I've read that every functor, $f:C \to D$, generates a geometric morphism from $f^* \vdash f_*:Sets^{C^{Op}} \to Sets^{D^{Op}}$.
But I don't have a feel for how this really works in concrete examples. Take for example the inclusion function between the discrete two element category $|2|$, and the partial order $2 := (\{0,1\}, \leq)$. The induced functor from $Sets^{|2|} \to Sets^2$ associates each pair of sets with a pair of sets and a function between them. But I can't think of any natural functor that would come up with a function between sets out of thin air like this. It would be helpful to me if I could see this functor described concretely.
The general way to calculate the functor $\mathbf{Set}^{C^{op}}\to \mathbf{Set}^{D^{op}}$ is to consider the left Kan extension of a functor $F:C^{op}\to \mathbf{Set}$ along the functor $f^{op}:C^{op}\to D^{op}$. Since $C,D$ are presumably small and $\mathbf{Set}$ is co-complete, such a Kan extension will always exist. The easiest way to calculate it is, for each $d$ in $D$, we take $Lan_{f^{op}} F(d)$ to be the colimit of $F\circ Q:(f^{op}\downarrow d)$ in $\mathbf{Set}$. It will turn out that the existence of $Lan_{f^{op}} F$ for any $F$ is the same as there being a left adjoint to $-\circ f:\mathbf{Set}^{D^{op}}\to \mathbf{Set}^{C^{op}}$.

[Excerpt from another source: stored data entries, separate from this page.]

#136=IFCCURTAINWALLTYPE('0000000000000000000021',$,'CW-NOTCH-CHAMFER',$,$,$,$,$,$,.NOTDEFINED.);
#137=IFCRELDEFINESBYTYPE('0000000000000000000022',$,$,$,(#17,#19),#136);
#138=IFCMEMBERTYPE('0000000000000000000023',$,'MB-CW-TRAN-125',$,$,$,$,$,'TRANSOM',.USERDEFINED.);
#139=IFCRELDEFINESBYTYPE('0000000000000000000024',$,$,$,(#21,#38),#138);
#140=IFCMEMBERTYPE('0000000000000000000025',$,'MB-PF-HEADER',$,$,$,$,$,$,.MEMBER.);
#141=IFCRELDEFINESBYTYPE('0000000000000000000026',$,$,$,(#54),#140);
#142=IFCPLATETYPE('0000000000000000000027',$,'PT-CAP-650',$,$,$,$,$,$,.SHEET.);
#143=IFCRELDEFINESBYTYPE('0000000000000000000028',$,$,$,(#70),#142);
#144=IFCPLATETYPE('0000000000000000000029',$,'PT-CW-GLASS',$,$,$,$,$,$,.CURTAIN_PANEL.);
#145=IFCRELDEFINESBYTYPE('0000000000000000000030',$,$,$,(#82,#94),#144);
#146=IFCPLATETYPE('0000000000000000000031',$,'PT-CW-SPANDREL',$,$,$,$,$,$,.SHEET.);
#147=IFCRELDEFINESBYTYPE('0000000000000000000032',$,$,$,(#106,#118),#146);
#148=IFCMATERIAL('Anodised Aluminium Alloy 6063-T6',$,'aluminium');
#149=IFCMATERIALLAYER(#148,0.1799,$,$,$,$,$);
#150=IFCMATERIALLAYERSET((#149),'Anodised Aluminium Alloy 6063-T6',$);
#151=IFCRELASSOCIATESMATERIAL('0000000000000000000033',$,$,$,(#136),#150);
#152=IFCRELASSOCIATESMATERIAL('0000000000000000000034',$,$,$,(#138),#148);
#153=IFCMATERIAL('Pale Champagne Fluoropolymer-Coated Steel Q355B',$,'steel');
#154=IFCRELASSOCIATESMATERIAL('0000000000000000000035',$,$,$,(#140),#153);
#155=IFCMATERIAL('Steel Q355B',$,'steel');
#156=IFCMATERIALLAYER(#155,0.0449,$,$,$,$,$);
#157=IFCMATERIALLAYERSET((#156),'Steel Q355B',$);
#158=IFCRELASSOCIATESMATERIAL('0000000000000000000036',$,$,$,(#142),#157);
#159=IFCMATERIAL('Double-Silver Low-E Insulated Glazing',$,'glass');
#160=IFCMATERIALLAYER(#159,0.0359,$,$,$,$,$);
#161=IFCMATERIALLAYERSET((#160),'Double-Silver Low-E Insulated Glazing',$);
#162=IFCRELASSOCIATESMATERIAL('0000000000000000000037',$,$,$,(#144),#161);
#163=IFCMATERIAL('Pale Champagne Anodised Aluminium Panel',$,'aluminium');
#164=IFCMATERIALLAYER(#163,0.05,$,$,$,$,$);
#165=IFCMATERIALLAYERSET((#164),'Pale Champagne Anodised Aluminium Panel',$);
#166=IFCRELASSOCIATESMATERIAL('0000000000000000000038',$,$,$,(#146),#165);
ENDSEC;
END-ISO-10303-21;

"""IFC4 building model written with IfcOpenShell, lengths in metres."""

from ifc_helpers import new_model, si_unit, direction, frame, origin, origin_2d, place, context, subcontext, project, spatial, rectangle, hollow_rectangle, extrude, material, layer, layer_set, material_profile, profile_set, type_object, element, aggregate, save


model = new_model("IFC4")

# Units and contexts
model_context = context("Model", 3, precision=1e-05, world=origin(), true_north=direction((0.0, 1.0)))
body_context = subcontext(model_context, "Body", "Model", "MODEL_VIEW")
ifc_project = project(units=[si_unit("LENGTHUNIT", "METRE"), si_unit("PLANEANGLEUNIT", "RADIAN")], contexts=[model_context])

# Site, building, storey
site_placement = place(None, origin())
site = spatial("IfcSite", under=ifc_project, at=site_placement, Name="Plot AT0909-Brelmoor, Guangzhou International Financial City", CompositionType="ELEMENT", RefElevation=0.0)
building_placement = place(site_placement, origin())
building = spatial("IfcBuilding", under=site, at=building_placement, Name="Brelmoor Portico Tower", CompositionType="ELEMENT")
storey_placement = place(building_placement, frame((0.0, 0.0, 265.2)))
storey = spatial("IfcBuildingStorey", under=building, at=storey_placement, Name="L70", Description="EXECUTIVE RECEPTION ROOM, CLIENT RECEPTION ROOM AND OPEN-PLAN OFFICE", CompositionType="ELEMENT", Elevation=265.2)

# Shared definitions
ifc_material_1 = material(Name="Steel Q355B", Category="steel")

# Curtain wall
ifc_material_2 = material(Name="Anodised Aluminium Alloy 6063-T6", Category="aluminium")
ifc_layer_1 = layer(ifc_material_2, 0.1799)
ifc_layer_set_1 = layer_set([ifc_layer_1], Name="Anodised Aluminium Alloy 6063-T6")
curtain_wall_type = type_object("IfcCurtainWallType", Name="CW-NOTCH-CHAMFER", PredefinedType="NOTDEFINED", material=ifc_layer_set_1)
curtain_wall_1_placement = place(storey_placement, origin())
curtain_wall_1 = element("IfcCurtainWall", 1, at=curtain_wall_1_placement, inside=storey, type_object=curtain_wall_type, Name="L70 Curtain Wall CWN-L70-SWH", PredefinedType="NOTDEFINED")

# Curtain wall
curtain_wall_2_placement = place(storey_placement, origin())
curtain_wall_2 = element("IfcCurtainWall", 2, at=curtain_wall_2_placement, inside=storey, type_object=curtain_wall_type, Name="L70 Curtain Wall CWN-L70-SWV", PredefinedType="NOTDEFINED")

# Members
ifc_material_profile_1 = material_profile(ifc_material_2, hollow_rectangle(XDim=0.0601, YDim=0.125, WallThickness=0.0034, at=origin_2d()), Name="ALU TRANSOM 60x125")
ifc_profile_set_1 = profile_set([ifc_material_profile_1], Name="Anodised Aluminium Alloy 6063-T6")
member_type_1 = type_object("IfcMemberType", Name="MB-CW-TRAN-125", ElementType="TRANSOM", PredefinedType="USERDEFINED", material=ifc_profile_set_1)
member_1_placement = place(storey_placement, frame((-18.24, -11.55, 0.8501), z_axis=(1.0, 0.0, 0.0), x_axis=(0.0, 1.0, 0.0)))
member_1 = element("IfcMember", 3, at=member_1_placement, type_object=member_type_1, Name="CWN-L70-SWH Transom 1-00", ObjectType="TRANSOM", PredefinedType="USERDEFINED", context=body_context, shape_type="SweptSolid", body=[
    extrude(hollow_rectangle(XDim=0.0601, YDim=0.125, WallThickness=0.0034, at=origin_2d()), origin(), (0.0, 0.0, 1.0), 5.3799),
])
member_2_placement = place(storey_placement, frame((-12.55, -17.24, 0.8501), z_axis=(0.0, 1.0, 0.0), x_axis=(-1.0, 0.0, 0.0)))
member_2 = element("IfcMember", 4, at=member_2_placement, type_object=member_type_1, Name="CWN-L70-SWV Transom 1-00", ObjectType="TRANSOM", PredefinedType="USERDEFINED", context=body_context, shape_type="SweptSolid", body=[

Understanding what this means in the case of a given poset $P$ is a little harder to visualize. For a functor $G$ on $|P|$ and an element $p$ of the poset, it takes that $p$ to the coproduct $G^*p:=\coprod\{G(q)|q\geq p\}$, and for the inequality $p<p'$, we have the coproduct inclusion of $G^*p'$ into $G^*p$.
(Hopefully I got all this the right way around. I sometimes get right and left Kan extensions flipped.)